How many of you heard of a wealthy family having their children apprehended from them for reasons of supposed neglect? If this happens at all, it is rare. The wealthy have good lawyers and are also able to hide any neglect they might impose if they were prone to this. The statistics also show that 87% of families that have children's aid involved with them on an ongoing basis are low-income or working class families. The poor are more likely to have a child apprehended from them, usually on the basis of 'environmental conditions'. Perhaps, their teachers reported seeing them without a proper winter coat or regularly coming to school without lunches. Explored further, there are always skeletons that can be exposed in ANY family, but wealthy families do not attract this kind of attention. At a cost of $2,300 per month per child, we as taxpayers need to ask good questions about the accountability of the child protection system and whether or not it is being operated on the basis of social class and culture, as opposed to actual signs of abuse and neglect.

4. Poverty breeds crime.

Middle and upper income people believe that welfare is "prone" to abuse and that because of this, tighter controls need to be placed on recipients. Some even advocate food stamps and direct-pay for rental housing (which if studies of these policies were examined would learn that social class becomes caste-like and stratification between classes becomes impossible for most). What happens to people who have little in a society that seems to have plenty is that some of the poor will attempt to acquire what they feel they deserve through illegal or illicit means ,,, people turn to prostitution, drug dealing, small time theft rings, fraud, etc. to supplement their meagre incomes. Who are these people defrauding? You and me. You and I are the people that answer our phones to "charities" asking for our credit card numbers. You and I use "debit machines" where fraudsters are learning more and more sophisticated skills in skimming. You are I are working in the retail business that is becoming more and more subject to shoplifters and outright robberies. You and I are having to lock our doors, install security systems and take taxis home in order to protect ourselves from the 'seedy' side of our population.
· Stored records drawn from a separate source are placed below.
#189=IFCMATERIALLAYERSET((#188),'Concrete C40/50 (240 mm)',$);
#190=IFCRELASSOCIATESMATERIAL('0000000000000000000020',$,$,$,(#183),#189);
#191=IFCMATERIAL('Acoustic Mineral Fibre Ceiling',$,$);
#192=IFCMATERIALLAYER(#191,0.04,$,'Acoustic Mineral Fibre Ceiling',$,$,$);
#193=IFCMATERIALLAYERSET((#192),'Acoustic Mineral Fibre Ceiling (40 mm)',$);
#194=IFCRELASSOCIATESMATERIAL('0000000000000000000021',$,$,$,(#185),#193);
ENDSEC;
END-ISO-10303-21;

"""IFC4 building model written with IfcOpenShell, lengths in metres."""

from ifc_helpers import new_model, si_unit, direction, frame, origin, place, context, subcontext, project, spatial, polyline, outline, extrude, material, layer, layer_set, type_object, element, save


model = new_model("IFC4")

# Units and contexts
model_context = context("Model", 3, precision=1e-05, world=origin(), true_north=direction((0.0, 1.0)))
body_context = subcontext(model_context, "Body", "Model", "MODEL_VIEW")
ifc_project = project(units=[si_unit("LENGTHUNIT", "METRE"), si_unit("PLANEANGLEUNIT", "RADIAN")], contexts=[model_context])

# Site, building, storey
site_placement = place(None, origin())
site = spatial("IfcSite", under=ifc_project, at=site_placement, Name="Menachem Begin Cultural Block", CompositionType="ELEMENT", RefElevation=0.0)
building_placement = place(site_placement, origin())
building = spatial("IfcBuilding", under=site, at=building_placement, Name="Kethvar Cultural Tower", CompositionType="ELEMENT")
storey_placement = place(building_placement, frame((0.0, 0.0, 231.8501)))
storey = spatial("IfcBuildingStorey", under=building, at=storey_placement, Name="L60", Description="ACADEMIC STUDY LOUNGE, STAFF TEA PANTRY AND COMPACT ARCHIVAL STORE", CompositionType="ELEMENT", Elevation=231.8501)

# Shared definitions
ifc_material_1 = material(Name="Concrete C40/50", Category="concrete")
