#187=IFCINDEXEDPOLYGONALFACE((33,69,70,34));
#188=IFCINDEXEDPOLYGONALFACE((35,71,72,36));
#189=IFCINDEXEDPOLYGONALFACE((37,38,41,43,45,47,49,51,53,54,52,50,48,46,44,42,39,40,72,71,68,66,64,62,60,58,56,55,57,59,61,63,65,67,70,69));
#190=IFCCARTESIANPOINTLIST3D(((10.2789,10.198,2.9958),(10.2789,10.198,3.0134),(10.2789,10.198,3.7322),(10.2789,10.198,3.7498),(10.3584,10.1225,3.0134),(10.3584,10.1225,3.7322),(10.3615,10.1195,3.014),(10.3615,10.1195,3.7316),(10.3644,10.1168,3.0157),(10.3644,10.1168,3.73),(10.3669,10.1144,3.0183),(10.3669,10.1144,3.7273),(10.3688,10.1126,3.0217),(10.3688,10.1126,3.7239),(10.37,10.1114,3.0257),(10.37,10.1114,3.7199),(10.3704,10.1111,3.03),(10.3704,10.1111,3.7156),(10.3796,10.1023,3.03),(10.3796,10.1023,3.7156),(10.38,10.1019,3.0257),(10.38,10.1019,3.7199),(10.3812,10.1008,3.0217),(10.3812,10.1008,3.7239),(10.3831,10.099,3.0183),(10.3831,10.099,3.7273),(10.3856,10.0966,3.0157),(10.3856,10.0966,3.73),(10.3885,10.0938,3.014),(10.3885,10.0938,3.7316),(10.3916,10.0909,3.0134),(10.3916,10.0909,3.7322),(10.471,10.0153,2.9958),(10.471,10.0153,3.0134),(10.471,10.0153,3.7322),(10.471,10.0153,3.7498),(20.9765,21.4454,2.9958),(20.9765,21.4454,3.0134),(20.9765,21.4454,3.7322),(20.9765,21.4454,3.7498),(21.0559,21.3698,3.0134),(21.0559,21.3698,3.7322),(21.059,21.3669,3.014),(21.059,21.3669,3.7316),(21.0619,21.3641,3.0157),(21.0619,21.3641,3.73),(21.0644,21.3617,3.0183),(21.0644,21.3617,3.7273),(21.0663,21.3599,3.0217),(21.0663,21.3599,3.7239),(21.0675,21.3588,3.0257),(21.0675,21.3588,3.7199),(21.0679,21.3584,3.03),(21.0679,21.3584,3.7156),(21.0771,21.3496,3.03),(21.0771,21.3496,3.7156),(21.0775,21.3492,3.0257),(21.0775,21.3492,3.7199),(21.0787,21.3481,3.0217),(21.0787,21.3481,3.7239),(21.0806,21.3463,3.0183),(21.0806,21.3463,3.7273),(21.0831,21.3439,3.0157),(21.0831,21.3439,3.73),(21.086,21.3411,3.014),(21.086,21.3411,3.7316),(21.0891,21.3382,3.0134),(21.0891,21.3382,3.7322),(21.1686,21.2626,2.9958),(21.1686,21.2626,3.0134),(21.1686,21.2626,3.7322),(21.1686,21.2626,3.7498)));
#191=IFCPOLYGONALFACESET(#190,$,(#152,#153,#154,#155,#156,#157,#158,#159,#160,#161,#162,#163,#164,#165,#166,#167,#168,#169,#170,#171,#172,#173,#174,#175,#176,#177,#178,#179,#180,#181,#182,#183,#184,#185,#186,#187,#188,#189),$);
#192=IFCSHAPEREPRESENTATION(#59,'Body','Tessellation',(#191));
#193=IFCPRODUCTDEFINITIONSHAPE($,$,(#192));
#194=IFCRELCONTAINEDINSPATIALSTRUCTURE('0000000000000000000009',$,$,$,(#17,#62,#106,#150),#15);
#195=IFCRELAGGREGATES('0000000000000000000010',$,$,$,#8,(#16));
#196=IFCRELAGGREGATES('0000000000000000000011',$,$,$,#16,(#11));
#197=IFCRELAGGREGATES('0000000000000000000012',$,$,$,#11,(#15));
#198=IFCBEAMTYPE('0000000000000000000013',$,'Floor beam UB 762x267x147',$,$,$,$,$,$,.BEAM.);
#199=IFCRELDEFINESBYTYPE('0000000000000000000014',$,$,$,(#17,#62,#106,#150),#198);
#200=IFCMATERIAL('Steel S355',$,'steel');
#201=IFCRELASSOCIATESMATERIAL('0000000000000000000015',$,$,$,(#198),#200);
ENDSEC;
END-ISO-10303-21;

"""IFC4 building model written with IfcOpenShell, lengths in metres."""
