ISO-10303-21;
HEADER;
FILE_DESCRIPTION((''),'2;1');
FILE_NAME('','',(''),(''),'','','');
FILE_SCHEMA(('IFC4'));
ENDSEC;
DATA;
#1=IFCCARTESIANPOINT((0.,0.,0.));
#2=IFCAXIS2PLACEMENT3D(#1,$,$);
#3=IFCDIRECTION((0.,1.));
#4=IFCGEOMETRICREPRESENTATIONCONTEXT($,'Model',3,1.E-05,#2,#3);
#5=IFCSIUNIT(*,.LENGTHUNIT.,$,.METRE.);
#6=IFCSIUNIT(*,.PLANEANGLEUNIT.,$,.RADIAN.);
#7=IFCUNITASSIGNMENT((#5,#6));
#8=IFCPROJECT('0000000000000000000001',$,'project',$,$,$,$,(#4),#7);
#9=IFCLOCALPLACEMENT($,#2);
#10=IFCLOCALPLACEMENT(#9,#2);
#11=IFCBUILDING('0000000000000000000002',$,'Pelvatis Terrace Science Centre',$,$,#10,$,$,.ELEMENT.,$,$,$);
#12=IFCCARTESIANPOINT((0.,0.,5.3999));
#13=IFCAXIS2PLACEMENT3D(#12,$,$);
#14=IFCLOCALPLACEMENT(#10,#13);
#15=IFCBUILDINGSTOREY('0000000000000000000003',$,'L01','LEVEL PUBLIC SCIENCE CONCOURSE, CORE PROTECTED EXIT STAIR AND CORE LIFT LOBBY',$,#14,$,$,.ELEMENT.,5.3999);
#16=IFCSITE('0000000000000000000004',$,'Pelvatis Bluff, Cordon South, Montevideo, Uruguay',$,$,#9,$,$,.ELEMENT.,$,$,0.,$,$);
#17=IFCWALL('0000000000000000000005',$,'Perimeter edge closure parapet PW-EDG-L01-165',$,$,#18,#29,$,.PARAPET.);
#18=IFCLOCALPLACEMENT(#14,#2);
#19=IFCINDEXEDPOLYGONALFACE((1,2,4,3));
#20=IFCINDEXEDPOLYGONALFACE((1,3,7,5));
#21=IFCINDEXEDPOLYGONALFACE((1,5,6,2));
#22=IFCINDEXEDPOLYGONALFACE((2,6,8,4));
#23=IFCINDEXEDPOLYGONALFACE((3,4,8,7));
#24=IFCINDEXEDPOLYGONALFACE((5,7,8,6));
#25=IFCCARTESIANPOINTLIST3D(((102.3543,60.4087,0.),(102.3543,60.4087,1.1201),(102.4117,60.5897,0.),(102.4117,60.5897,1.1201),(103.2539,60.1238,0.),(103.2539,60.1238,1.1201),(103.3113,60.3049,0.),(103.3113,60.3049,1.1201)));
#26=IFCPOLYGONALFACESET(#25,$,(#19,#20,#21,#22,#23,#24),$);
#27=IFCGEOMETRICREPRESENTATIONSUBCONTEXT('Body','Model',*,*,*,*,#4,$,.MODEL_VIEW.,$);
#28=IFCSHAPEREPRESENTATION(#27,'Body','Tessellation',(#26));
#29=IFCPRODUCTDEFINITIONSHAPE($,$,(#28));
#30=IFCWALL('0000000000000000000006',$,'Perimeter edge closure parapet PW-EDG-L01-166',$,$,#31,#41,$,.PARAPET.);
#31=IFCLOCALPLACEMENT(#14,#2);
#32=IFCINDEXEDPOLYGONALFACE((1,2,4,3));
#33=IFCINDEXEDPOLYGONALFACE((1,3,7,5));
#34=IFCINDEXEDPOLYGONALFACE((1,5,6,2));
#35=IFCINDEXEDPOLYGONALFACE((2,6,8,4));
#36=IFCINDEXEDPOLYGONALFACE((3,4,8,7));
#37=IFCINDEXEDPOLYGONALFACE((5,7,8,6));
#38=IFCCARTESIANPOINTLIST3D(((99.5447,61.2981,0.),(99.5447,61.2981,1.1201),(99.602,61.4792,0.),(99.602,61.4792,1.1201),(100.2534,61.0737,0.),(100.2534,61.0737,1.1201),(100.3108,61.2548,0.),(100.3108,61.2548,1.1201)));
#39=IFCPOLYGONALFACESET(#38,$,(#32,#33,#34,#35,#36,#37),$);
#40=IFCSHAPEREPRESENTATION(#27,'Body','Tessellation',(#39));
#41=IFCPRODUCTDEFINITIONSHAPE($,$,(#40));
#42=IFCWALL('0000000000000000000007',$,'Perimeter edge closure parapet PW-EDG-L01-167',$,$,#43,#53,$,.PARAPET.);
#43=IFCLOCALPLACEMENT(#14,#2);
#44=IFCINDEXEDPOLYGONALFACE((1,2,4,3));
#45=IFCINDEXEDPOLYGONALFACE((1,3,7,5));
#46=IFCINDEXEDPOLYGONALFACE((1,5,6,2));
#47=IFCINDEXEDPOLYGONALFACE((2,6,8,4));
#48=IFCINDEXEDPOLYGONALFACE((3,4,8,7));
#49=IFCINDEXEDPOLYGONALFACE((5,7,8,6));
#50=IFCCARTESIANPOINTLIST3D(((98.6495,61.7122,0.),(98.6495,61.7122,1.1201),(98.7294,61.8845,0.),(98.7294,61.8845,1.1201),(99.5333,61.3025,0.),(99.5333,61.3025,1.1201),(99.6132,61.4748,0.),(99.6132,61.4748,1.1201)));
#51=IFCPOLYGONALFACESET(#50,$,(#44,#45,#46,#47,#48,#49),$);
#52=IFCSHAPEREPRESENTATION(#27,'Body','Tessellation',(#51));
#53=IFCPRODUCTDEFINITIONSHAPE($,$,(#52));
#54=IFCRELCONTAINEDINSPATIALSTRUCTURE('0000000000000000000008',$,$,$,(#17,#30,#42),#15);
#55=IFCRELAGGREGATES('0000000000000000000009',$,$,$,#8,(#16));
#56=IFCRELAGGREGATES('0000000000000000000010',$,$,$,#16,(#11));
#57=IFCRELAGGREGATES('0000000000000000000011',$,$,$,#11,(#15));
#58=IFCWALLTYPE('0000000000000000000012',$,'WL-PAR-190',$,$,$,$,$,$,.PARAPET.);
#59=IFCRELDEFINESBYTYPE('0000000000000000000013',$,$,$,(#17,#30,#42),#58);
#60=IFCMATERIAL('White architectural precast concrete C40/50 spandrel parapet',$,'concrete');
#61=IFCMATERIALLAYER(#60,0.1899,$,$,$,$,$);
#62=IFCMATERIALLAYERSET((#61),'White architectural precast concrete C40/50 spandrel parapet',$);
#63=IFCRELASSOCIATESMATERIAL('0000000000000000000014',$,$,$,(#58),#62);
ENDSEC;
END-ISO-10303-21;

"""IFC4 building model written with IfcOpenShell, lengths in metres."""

from ifc_helpers import new_model, si_unit, direction, frame, frame_2d, origin, place, context, subcontext, project, spatial, rectangle, extrude, material, layer, layer_set, type_object, element, save


model = new_model("IFC4")

# Units and contexts
model_context = context("Model", 3, precision=1e-05, world=origin(), true_north=direction((0.0, 1.0)))
body_context = subcontext(model_context, "Body", "Model", "MODEL_VIEW")
ifc_project = project(units=[si_unit("LENGTHUNIT", "METRE"), si_unit("PLANEANGLEUNIT", "RADIAN")], contexts=[model_context])

# Site, building, storey
site_placement = place(None, origin())
site = spatial("IfcSite", under=ifc_project, at=site_placement, Name="Pelvatis Bluff, Cordon South, Montevideo, Uruguay", CompositionType="ELEMENT", RefElevation=0.0)
building_placement = place(site_placement, origin())
building = spatial("IfcBuilding", under=site, at=building_placement, Name="Pelvatis Terrace Science Centre", CompositionType="ELEMENT")
storey_placement = place(building_placement, frame((0.0, 0.0, 5.3999)))
storey = spatial("IfcBuildingStorey", under=building, at=storey_placement, Name="L01", Description="LEVEL PUBLIC SCIENCE CONCOURSE, CORE PROTECTED EXIT STAIR AND CORE LIFT LOBBY", CompositionType="ELEMENT", Elevation=5.3999)

# Walls
ifc_material_1 = material(Name="White architectural precast concrete C40/50 spandrel parapet", Category="concrete")
ifc_layer_1 = layer(ifc_material_1, 0.1899)
ifc_layer_set_1 = layer_set([ifc_layer_1], Name="White architectural precast concrete C40/50 spandrel parapet")
wall_type_1 = type_object("IfcWallType", Name="WL-PAR-190", PredefinedType="PARAPET", material=ifc_layer_set_1)
wall_1_placement = place(storey_placement, frame((103.2825, 60.2144, 0.0), z_axis=(0.0, 0.0, 1.0), x_axis=(-0.953336, 0.301911, 0.0)))
element("IfcWall", 1, at=wall_1_placement, inside=storey, type_object=wall_type_1, Name="Perimeter edge closure parapet PW-EDG-L01-165", PredefinedType="PARAPET", context=body_context, shape_type="SweptSolid", body=[
    extrude(rectangle(XDim=0.9436, YDim=0.1899, at=frame_2d((0.4717, 0.0))), origin(), (0.0, 0.0, 1.0), 1.1201),
])
wall_2_placement = place(storey_placement, frame((100.282, 61.1643, 0.0), z_axis=(0.0, 0.0, 1.0), x_axis=(-0.953369, 0.301807, 0.0)))
element("IfcWall", 2, at=wall_2_placement, inside=storey, type_object=wall_type_1, Name="Perimeter edge closure parapet PW-EDG-L01-166", PredefinedType="PARAPET", context=body_context, shape_type="SweptSolid", body=[
    extrude(rectangle(XDim=0.7434, YDim=0.1899, at=frame_2d((0.3716, 0.0))), origin(), (0.0, 0.0, 1.0), 1.1201),
])
wall_3_placement = place(storey_placement, frame((99.5732, 61.3887, 0.0), z_axis=(0.0, 0.0, 1.0), x_axis=(-0.907269, 0.420552, 0.0)))
element("IfcWall", 3, at=wall_3_placement, inside=storey, type_object=wall_type_1, Name="Perimeter edge closure parapet PW-EDG-L01-167", PredefinedType="PARAPET", context=body_context, shape_type="SweptSolid", body=[
    extrude(rectangle(XDim=0.9741, YDim=0.1899, at=frame_2d((0.4871, 0.0))), origin(), (0.0, 0.0, 1.0), 1.1201),
])

save(model, "model.ifc")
While criminals may have a later motive for drug purchases and addiction, they almost always started with a motive of poverty. They have to pay their rent. They have to eat. They have to earn an income. They have to pay child support. Around them are commercials for fancy home renovations, brand new computerized cars, fancy cell phones, computers and other gadgets that "the rest" of society can afford without having to turn to crime. We think nothing of replacing our car every two or three years, replacing a computer every four years and buying new clothes to attend the latest gala function or wedding of a family or friend. People living in poverty cannot do these things. Some of them suffer because they do not want to risk committing a crime; others become less shy about knocking off the nearest variety store to get what they want ... or get engaged in the drug trade. In seedy neighbourhoods, the drug trade is open and available and for young kids that get nothing at home, the opportunity to drive a nice car, wear expensive jewellery and dress in fashionable clothing is too great. What are we doing as a society other than worsening the situation by sending out non-verbal signals that people of low-incomes are somehow less deserving of a modern life?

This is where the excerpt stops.